Who This Applies To: Residential Status & Scope

The Indian tax system taxes individuals based on residential status, not citizenship. Your obligations differ significantly depending on whether you are a Resident and Ordinarily Resident (ROR), Resident but Not Ordinarily Resident (RNOR), or Non-Resident (NR).

Status

Indian income

Foreign income

Foreign asset reporting

ROR

Fully taxable

Fully taxable

Mandatory (Schedule FA)

RNOR

Fully taxable

Only if derived from India

Not required

NR

Fully taxable

Not taxable in India

Not required

Rule of thumb

Most employees at Indian MNC subsidiaries receiving stock compensation from a foreign parent are RORs. This guide primarily addresses ROR individuals, for whom all global income is taxable in India.


You are an ROR if you have been resident in India for at least 2 of the preceding 10 years AND for at least 730 days in the preceding 7 years.



Section 02

Restricted Stock Units (RSUs): Two-event Taxation

RSUs are taxed at two distinct moments: vesting and sale. Confusing these two events is the most common mistake made by employees.

Event 1 — Grant

No tax event. RSUs are merely a promise of future shares. Nothing is included in income at grant.

Event 2 — Vesting

Taxable as salary income. The fair market value (FMV) of shares on the vesting date, converted to INR, is treated as a perquisite under Section 17(2)(vi) of the Income Tax Act. Your employer is required to withhold TDS.

Event 3 — Sale

Taxable as capital gains. The difference between the sale price and the FMV at vesting (your cost of acquisition) is a capital gain or loss. Holding period is counted from the date of vesting.

Computing the perquisite at vesting

Perquisite Value = FMV on vesting date (in USD) × INR/USD rate on vesting date × Number of shares vested


The applicable exchange rate is the SBI TT buying rate as prescribed by the Income Tax Rules. Some employers use the RBI reference rate — check your Form 16 for the rate used.


Cost of acquisition for capital gains

The FMV that was taxed as salary at vesting becomes your cost of acquisition for capital gains purposes. You are not taxed twice on the same appreciation.
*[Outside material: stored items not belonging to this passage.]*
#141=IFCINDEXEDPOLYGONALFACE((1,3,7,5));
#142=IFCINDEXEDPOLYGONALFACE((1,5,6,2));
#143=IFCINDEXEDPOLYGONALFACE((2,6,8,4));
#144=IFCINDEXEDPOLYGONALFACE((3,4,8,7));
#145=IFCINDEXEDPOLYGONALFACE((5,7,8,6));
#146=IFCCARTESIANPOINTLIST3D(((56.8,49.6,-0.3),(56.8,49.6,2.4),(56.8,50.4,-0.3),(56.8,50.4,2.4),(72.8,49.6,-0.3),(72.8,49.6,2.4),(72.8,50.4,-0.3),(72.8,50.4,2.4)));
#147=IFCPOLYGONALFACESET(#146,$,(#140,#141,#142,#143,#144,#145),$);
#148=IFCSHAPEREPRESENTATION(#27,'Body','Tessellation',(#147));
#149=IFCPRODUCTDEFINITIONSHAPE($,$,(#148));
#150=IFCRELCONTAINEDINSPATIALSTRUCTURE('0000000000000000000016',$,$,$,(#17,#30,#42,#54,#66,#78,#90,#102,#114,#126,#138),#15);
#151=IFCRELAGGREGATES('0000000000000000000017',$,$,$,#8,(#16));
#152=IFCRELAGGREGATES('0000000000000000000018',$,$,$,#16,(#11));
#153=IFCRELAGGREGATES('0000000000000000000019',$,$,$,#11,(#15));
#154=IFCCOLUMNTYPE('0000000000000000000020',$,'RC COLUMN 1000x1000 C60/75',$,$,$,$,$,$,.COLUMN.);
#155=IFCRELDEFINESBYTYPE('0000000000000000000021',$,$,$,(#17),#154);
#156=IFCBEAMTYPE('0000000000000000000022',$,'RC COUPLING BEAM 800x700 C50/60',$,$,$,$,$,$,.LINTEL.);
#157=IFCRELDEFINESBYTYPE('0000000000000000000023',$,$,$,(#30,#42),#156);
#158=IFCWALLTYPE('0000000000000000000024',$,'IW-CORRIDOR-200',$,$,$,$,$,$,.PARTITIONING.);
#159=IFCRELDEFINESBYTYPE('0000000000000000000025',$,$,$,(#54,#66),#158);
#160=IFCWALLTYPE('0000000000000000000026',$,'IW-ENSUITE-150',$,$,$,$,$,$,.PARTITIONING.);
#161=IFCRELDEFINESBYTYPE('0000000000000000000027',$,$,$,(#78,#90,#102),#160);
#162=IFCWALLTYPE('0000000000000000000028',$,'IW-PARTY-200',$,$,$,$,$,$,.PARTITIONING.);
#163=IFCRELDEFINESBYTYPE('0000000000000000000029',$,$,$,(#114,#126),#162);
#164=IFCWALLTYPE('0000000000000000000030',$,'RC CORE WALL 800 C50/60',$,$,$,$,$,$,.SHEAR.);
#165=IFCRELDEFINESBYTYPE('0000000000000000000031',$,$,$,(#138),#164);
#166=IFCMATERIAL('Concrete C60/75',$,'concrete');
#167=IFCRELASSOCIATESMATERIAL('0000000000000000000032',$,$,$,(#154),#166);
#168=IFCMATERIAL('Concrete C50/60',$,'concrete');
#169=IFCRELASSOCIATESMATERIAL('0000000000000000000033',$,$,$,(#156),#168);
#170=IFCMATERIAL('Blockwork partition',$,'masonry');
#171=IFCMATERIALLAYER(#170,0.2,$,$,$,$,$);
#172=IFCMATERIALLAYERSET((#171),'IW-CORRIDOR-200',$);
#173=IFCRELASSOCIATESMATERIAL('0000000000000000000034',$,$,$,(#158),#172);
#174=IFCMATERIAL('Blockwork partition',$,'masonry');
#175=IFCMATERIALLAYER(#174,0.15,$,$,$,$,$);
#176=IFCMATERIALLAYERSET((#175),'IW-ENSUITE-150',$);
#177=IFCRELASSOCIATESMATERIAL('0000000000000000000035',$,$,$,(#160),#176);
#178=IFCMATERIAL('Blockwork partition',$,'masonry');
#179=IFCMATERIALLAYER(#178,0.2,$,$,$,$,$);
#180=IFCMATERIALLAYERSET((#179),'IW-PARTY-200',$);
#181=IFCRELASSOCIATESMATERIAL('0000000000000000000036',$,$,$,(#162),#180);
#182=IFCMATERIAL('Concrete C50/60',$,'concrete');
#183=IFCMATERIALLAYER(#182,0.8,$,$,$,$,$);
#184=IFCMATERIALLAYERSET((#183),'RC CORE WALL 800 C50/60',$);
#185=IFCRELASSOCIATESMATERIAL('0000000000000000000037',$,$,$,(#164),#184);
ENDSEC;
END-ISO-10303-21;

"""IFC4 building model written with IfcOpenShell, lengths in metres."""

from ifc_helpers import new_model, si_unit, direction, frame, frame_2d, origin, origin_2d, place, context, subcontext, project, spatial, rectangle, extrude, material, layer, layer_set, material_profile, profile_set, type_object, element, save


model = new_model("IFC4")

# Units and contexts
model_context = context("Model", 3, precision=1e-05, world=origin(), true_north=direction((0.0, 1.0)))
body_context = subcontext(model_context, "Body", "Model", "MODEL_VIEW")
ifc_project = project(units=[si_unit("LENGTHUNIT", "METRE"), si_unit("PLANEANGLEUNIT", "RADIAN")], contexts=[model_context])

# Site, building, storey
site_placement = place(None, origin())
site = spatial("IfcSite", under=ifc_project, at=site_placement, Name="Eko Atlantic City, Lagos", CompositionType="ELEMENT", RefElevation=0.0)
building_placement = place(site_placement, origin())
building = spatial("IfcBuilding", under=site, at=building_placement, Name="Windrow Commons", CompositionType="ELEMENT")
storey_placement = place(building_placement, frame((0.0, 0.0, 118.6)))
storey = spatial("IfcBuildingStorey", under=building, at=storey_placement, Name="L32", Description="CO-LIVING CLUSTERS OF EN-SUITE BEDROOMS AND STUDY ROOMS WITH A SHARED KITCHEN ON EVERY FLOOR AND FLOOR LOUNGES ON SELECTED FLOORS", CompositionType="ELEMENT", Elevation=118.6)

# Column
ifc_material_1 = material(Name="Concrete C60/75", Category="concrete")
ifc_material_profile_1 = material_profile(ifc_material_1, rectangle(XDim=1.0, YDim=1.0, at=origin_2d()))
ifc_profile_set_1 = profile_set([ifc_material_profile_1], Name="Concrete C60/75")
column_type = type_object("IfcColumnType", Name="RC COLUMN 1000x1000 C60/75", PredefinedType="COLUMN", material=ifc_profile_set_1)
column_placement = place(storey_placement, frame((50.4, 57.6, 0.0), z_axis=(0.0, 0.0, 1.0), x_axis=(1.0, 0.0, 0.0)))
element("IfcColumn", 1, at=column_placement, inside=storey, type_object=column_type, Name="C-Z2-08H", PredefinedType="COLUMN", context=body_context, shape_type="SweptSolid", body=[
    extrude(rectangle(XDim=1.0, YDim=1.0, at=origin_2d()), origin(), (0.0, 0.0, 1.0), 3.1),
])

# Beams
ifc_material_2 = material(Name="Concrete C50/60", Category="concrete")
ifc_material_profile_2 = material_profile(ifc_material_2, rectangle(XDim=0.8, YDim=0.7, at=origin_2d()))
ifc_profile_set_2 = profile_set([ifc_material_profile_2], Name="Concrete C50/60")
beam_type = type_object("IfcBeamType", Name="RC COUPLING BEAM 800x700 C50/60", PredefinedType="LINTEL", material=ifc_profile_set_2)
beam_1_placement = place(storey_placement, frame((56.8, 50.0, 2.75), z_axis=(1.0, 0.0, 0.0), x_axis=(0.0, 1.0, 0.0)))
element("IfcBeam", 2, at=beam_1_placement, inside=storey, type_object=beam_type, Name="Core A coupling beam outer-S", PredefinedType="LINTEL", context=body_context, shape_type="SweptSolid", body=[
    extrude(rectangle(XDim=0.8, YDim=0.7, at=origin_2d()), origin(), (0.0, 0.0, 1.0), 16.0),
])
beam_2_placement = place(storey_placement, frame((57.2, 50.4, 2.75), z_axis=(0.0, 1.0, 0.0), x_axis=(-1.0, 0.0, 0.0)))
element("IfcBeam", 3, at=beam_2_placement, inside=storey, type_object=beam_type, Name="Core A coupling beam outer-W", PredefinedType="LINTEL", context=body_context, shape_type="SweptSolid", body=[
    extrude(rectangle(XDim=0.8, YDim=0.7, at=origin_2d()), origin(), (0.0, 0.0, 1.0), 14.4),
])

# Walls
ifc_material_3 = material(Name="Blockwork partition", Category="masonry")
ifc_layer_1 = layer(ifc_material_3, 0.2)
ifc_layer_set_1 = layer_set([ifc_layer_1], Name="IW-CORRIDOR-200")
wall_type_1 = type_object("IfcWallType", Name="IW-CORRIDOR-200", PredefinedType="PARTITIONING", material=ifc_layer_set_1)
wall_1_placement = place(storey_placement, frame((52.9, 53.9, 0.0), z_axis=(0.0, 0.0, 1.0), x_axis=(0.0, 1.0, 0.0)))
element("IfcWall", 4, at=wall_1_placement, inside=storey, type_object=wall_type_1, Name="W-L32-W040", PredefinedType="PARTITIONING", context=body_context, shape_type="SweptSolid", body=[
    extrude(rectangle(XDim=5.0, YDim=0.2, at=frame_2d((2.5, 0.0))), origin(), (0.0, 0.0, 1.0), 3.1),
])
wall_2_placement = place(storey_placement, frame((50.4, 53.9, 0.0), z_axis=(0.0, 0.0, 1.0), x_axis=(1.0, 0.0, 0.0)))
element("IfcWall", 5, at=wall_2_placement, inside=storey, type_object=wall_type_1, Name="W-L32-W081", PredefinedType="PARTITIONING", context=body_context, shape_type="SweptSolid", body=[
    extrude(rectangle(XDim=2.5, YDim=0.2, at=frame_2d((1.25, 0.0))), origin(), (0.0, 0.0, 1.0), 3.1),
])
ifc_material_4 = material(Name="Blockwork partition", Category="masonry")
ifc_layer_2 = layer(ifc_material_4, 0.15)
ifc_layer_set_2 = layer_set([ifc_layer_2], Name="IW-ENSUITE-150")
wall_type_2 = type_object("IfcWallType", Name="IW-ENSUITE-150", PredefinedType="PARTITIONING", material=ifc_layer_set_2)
Capital Gain = Sale Proceeds (INR) − FMV at Vesting (INR)


Example

100 shares vest when ACME Corp trades at $50. The INR/USD rate is ₹83.→ Perquisite = 100 × $50 × 83 = ₹4,15,000 added to salary; TDS deducted by employer. 6 months later, shares are sold at $60. INR rate is ₹84.→ Sale proceeds = 100 × $60 × 84 = ₹5,04,000→ Cost = ₹4,15,000 Short-term capital gain = ₹89,000 (held < 24 months)

Partial-year residents

If you were resident in India for only part of the vesting period, some employers apportion the perquisite. The Indian tax authority's position is that all perquisite is taxable in India if you are an ROR at the time of vesting, regardless of where you worked during the vesting period. Seek professional advice if you have multi-country history.


Section 03

Employee Stock Purchase Plans (ESPPs): Discount as Salary

ESPPs allow employees to purchase employer stock at a discount, typically 5–15%, sometimes with a look back period. The mechanics differ from RSUs but the tax logic is similar.

Taxation at purchase (the discount)

When you purchase ESPP shares, the discount you receive is treated as a perquisite under Section 17(2) and taxed as salary income in the year of purchase.

Perquisite = (FMV on purchase date − Purchase price) × Number of shares × INR rate

Taxation at sale (capital gains)

Your cost of acquisition is the FMV at purchase date (not your discounted purchase price). Holding period for LTCG/STCG purposes begins from the date of purchase.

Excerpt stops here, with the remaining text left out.